# Hello from South Texas



## Mac (Jul 11, 2010)

Greetings, brothers!  I'm glad to be on this site since it gives us a chance to bridge the gap that is our great state.  

I'm Junior Warden of my Lodge, a member of the Masonic Society, and I just submitted my first research paper to the Texas Lodge of Research.  

I look forward to learning from you guys!  :SNC:


----------



## JTM (Jul 12, 2010)

welcome to the boards.


----------



## JEbeling (Jul 12, 2010)

What was your paper on that you submitted to TEXAS LODGE OF RESEARCH... ? Welcome.. ?


----------



## Bro. Stewart P.M. (Jul 12, 2010)

Greetings Brother Mac!


----------



## Casey (Jul 20, 2010)

Welcome brother!


----------



## Mac (Apr 21, 2011)

JEbeling said:


> What was your paper on that you submitted to TEXAS LODGE OF RESEARCH... ? Welcome.. ?


 I apologize for responding so late, brother.  The paper was "Why an Altar" and dealt with the evolution of Masonic ritual and ideas.  Some countries don't use altars in their ceremonies today, and I didn't think early Americans really used them either, so I tried to track down a time frame in which their use appeared.


----------



## jwhoff (Apr 21, 2011)

Welcome!  Awaiting your finding with anticipation.  Of course, ancients used alters.  Curious as to why such a symbol would have been lost for a period of time.


----------



## Mac (Apr 21, 2011)

jwhoff said:


> Welcome!  Awaiting your finding with anticipation.  Of course, ancients used alters.  Curious as to why such a symbol would have been lost for a period of time.

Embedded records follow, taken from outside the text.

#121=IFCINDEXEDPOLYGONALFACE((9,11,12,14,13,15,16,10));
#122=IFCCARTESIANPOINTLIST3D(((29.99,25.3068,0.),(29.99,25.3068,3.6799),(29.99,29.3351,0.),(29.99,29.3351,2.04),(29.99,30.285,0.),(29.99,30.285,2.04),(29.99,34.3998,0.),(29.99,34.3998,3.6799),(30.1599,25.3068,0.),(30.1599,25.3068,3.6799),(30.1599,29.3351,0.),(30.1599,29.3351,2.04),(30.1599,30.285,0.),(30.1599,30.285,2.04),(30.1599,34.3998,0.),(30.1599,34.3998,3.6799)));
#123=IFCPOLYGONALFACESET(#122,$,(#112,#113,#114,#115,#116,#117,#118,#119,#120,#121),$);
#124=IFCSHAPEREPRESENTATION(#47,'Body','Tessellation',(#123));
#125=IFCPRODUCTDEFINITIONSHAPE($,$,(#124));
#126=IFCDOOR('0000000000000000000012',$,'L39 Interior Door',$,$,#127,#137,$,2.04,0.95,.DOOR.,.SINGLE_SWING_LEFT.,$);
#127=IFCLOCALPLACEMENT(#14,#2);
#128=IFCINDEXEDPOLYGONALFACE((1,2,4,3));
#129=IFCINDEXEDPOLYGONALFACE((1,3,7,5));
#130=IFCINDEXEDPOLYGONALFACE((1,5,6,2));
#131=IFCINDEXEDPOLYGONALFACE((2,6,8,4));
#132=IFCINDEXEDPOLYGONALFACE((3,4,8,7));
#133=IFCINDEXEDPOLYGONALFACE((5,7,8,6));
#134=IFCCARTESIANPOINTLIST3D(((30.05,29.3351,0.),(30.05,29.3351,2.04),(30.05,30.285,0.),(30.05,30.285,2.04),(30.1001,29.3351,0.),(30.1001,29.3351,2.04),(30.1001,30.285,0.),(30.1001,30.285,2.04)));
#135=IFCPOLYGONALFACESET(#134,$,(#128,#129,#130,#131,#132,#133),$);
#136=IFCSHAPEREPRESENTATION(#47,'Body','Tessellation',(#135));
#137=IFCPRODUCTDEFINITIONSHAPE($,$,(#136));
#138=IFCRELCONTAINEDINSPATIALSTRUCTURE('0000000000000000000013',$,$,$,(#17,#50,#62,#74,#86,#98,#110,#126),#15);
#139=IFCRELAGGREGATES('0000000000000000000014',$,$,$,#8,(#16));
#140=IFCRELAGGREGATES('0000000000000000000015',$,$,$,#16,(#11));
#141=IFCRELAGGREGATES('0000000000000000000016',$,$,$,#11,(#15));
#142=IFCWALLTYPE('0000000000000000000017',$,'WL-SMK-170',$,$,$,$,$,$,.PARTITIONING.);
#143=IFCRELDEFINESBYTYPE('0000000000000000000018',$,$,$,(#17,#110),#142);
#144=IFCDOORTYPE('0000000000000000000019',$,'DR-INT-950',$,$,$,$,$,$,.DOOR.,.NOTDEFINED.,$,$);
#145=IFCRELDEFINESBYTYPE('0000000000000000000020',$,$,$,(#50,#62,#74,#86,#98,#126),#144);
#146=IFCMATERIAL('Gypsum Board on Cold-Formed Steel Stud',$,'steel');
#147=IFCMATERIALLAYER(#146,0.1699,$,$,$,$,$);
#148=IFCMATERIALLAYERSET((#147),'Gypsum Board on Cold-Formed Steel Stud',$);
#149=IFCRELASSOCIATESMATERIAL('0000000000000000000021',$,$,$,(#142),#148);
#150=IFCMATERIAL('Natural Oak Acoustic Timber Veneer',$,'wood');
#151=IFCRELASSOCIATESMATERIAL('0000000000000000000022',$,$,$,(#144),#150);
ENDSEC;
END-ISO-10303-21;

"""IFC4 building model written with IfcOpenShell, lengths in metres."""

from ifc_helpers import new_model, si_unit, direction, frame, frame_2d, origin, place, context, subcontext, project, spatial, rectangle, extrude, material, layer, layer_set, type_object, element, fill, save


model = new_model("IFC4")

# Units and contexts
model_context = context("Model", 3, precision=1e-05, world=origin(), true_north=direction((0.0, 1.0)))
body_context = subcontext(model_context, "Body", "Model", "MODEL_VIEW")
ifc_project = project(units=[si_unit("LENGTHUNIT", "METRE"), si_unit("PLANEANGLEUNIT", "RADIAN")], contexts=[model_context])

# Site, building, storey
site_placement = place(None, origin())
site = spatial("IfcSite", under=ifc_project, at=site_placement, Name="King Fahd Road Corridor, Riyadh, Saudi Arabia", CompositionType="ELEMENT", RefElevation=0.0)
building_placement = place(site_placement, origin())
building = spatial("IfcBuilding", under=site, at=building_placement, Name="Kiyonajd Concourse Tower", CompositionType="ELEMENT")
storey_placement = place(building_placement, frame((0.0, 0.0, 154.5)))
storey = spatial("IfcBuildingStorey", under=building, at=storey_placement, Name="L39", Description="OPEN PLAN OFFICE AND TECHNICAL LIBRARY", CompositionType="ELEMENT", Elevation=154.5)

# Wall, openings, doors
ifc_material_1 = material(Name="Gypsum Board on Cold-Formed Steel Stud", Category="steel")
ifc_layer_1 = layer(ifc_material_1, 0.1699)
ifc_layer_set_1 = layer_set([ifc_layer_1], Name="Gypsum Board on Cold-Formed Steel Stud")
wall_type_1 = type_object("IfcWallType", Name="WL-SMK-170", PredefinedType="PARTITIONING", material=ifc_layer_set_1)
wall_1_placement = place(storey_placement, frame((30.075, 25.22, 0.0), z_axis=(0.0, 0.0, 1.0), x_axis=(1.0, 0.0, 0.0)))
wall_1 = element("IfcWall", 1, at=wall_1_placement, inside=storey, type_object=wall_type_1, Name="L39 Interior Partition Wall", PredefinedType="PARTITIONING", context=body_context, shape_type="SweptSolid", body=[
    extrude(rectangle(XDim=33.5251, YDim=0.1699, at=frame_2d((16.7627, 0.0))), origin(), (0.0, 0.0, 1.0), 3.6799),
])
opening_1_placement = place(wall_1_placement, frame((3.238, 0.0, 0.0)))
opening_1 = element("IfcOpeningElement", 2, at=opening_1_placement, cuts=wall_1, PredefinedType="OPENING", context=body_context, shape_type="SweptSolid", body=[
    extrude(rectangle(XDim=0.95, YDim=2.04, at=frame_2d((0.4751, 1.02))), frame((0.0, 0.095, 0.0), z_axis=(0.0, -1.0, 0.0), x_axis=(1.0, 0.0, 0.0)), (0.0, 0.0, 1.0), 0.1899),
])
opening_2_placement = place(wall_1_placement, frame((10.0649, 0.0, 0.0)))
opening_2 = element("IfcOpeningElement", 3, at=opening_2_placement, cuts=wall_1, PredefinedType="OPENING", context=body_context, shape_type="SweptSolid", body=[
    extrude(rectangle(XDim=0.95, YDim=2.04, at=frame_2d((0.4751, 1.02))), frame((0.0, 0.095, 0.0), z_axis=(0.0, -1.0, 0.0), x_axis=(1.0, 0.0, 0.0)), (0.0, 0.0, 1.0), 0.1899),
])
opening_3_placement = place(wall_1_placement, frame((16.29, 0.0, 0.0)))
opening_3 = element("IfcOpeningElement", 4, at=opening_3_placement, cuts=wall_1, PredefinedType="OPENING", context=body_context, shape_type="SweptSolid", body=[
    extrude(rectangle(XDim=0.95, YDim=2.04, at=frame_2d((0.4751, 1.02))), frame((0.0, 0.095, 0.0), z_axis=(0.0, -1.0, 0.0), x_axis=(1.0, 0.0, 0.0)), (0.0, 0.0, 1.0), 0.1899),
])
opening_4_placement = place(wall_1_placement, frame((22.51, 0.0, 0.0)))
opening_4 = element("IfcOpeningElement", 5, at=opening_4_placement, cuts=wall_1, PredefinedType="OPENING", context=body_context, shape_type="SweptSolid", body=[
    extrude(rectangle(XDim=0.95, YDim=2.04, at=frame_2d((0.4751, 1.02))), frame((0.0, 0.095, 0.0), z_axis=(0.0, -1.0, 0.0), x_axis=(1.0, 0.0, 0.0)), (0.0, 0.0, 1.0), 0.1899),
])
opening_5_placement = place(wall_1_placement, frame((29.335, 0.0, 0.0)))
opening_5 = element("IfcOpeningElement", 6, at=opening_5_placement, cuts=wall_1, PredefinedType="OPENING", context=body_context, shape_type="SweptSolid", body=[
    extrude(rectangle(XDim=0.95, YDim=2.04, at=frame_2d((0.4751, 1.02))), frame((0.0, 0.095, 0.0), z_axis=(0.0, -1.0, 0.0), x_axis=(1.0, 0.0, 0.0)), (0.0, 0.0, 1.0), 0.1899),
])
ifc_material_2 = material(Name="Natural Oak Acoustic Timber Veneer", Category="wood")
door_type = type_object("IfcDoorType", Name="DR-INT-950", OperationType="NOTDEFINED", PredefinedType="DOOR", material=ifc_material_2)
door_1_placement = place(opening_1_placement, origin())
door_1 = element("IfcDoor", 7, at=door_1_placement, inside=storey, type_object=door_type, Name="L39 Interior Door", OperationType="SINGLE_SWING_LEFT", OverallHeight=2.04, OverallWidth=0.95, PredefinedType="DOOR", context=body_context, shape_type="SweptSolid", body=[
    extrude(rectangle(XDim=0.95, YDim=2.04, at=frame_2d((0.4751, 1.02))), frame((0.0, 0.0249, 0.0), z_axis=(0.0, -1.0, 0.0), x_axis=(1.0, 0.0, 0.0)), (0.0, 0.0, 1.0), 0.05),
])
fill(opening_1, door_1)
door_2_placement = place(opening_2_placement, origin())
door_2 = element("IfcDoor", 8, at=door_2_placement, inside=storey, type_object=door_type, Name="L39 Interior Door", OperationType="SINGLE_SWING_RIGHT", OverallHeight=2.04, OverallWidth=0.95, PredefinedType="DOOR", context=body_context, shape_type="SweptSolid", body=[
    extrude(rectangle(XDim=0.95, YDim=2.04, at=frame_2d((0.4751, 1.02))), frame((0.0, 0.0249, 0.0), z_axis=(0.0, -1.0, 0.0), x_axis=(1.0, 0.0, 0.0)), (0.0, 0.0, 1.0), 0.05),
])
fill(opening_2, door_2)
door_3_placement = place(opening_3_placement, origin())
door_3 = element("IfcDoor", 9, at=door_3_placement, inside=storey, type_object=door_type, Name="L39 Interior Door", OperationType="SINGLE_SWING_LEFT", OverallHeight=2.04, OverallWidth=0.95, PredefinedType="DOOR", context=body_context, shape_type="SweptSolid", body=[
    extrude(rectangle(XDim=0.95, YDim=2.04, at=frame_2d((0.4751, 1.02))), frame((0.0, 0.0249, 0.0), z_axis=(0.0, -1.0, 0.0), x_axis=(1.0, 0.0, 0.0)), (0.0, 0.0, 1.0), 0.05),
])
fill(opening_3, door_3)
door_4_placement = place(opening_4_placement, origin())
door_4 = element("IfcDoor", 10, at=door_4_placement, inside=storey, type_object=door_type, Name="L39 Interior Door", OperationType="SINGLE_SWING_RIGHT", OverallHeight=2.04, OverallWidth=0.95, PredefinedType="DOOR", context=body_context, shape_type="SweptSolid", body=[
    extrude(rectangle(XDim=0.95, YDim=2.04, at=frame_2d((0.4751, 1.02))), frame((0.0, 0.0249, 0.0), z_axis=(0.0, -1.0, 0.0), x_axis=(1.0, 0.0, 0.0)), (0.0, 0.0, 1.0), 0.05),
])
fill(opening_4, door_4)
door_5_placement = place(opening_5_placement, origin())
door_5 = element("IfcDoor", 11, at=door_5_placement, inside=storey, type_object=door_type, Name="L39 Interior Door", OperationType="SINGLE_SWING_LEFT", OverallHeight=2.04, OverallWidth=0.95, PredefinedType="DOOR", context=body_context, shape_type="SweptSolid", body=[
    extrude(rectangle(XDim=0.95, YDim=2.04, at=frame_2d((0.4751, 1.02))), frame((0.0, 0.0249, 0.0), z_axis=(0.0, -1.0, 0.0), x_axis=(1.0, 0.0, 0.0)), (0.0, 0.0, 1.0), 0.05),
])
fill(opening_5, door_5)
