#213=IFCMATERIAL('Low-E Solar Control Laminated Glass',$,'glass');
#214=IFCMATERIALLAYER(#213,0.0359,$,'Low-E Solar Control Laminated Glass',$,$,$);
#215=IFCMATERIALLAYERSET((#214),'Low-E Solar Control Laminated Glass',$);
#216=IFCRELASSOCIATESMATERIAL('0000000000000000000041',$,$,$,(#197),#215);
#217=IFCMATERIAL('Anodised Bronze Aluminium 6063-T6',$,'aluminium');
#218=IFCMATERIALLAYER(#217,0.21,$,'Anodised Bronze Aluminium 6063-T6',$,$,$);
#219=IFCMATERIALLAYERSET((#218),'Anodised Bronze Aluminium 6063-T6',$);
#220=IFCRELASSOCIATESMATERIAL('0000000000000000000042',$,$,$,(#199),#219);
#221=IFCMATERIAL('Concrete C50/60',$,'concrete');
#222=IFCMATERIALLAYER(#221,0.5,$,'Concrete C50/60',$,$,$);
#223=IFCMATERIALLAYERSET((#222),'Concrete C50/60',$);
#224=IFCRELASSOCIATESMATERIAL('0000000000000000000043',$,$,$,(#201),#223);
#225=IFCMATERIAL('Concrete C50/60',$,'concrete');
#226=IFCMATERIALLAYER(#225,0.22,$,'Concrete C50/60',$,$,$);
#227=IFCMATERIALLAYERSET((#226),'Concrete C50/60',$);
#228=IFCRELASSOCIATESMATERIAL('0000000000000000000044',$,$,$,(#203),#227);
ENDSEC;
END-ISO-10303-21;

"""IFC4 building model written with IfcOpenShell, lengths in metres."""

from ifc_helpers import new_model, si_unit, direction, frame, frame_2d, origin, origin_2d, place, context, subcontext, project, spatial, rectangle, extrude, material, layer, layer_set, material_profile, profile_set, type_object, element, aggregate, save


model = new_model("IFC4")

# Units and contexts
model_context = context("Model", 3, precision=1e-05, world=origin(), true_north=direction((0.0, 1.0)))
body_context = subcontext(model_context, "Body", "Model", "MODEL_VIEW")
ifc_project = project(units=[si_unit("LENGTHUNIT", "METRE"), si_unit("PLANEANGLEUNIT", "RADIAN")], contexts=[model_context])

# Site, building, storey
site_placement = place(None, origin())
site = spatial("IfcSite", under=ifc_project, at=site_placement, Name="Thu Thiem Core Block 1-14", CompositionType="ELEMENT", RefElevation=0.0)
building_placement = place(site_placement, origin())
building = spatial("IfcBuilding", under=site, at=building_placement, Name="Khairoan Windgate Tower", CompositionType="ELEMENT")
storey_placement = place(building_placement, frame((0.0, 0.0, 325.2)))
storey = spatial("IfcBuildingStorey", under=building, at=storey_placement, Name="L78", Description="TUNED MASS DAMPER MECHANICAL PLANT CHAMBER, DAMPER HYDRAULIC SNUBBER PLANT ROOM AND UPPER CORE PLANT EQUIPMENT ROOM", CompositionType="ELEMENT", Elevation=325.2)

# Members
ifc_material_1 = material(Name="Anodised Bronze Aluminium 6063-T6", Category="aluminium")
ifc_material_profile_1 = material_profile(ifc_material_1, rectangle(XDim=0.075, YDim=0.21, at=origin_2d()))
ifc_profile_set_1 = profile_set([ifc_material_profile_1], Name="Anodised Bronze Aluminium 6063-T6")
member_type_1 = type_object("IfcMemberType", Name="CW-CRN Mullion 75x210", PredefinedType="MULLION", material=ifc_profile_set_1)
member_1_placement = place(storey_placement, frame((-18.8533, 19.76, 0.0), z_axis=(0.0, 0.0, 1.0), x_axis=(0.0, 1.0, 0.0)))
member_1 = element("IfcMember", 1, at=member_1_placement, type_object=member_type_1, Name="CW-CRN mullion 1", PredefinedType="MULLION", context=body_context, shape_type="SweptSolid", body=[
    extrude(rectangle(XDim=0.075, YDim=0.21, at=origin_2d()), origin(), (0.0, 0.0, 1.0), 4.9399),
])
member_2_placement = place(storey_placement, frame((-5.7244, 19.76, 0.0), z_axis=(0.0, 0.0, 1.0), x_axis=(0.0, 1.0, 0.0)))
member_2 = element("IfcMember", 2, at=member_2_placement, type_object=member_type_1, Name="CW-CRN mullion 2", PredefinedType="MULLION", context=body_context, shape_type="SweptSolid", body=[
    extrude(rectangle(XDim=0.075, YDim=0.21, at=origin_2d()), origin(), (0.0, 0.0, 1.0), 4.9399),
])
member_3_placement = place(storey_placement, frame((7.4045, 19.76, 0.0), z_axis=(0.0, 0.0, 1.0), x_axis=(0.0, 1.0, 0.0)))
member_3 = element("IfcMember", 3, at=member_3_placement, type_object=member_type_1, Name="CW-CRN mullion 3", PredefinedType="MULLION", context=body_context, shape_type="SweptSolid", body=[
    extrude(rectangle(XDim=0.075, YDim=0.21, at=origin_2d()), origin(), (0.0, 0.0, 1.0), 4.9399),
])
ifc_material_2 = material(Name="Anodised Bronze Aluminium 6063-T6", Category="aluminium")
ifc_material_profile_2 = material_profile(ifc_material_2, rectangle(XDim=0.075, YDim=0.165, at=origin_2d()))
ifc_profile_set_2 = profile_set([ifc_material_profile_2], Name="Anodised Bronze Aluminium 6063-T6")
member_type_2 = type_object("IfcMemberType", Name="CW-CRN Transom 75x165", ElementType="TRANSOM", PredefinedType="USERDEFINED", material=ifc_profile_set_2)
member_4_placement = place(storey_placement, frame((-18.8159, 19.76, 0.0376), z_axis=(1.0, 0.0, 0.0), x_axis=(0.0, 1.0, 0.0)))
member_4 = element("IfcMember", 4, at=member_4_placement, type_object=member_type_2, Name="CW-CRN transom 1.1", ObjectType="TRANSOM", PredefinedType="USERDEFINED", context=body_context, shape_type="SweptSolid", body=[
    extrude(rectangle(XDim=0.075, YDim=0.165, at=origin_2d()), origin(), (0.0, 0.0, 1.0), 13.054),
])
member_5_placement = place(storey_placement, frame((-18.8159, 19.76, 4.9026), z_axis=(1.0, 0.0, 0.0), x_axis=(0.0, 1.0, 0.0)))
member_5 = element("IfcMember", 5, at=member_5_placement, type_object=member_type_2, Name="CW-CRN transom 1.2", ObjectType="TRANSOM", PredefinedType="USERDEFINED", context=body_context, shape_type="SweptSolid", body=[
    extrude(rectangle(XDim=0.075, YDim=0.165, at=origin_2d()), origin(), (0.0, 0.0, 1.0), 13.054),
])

 Well, brother, a lot of the early documents discussing masonry (starting with maybe the Regius poem, for example) make no mention of an altar.  It doesn't appear to have always been a fixture of the Craft.  

Fast forward to the 1700's and _Three Distinct Knocks _and _Jachin and Boaz.  _Exposures aren't Gospel truth, but some things can be taken away from them.  Namely: no altar is used in the ceremonies of either of these degrees.  In the 1730 exposure, the Master holds the VSL, while in the 1760 exposure, it rests on a simple stool.

I'd go into more detail, but that would spoil the fun of reading the next issue of TLR's Transactions.  

It's my humble opinion that most, if not all, Freemasons in Texas should be members of the Texas Lodge of Research.  Associate Members, at least.  It's interesting to meet so many men who have researched one facet or another of our noble fraternity and read their work in the Transactions and elsewhere.


----------



## jwhoff (Apr 22, 2011)

By ancients I was speaking of the mysteries.  Roman, Jewish, Indus Valley, Egyptian, Persian Magi, etc.  There is a percentage of masonic scholars who believe masonry to be much older than the 18th century organization to which we belong.  Not sure that can or ever will be proven or discredited.  I guess time may tell.

However, I agree with you that more Texas masons should be members of the Texas Lodge of Research.  Iowa had a very good group of researchers early in the 20th century to whom we owe much of what we currently have.  Texas has the numbers.  Let's hope the talent rises from among the ranks.


----------